Mexican baseball history will be made Tuesday night when the Mexico City Diablos Rojos open a three-game series against Oaxaca at Estadio Fray Nano.  Luz Alicia Gordoa will be making her debut as a Mexican League umpire, becoming the first distaff arbiter in the LMB's 93-year history. 


The Sinaloa native made her professional umpiring debut last winter when she worked a few games in the Mexican Winter League, the LMB-affiliated winterball circuit, starting with a November 23 contest between Salamanca and Celayo.  The 41-year-old Gordoa's experience lies more in officiating soccer matches, which she did for two decades before giving baseball a shot.  She also played softball for 20 years before turning to umpiring the past five.  She was joined in the LIM by 34-year-old Paulina Barajas Castro of Mexico City, where she worked games in the Liga Olmeca youth baseball organization now headed by Carlos Fragoso as well as the Liga Lindavista and Liga Maya before joining Gordoa at the MLB Academy near Monterrey last fall. 

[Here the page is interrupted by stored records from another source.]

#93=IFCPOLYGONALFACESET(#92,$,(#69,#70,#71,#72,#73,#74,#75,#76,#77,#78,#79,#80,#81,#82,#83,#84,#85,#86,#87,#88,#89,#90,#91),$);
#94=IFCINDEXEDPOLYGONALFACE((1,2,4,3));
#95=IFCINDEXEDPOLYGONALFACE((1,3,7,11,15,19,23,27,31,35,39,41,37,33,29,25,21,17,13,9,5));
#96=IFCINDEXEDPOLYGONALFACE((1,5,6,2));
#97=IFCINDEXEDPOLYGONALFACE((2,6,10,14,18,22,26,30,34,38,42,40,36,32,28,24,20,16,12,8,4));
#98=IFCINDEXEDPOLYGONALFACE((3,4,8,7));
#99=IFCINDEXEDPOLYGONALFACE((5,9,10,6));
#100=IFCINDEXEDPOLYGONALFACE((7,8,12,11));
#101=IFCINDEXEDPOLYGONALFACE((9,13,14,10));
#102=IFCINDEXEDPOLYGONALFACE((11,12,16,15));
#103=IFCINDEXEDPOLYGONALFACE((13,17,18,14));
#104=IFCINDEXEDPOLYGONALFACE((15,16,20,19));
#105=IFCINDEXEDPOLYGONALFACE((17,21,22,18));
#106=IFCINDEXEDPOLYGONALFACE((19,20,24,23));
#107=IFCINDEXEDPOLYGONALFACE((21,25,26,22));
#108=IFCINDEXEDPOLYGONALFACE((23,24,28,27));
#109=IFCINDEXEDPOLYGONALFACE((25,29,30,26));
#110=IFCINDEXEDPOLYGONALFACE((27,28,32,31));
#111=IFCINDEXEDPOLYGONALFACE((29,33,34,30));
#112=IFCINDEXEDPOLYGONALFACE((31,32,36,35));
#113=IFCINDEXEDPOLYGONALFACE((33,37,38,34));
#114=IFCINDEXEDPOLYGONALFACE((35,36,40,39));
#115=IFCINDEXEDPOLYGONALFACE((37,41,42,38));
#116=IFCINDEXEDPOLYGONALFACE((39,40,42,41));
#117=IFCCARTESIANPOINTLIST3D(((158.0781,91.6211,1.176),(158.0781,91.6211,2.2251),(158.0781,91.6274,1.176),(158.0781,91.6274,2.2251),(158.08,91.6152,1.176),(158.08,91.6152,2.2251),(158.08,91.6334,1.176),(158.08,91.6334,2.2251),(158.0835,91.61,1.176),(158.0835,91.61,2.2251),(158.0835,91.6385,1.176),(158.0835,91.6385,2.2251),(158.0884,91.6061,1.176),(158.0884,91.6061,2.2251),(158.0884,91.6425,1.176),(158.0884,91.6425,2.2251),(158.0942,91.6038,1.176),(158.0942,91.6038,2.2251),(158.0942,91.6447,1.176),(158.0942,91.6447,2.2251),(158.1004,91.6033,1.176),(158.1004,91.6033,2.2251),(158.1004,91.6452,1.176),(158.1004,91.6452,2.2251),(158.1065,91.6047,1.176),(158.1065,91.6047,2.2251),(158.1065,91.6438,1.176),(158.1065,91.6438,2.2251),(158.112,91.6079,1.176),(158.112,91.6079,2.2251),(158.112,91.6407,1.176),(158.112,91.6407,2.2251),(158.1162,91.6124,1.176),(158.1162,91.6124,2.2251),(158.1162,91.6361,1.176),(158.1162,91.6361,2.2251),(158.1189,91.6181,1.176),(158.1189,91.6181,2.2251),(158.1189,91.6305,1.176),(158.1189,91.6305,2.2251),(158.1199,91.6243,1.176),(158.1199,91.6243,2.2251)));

While Gordoa will be the first woman to umpire a Mexican League game, female umps have worked games in Minor League Baseball since 1972, when Bernice Gera worked one game in the Class A New York-Penn League before quitting after other umpires reportedly said they would not work with her.  A heated discussion with Auburn Phillies manager Nolan Campbell during the game didn't make Gera feel any more welcome.  However, that opened the door for future women umpires in MiLB.  Christine Wren worked in the Class A Northwest League in the mid-Seventies but the most notable was Pam Postema, who began umpiring in the late-Seventies and eventually spent 13 seasons working in the minors, including six seasons at the AAA level.  She umpired an MLB exhibition game in 1989, but was not rehired by the AAA Alliance following that season.  Postema then filed a sexual discrimination lawsuit against Major League Baseball that was settled out of court, but otherwise left the game to work as a trucker, factory worker and welder.  She wrote a 1992 book, You Gotta Have Balls to Make It in This League, in which she said, "I'll never understand why it's easier for a female to become an astronaut or cop or firefighter or soldier or Supreme Court justice than it is to become a major league umpire."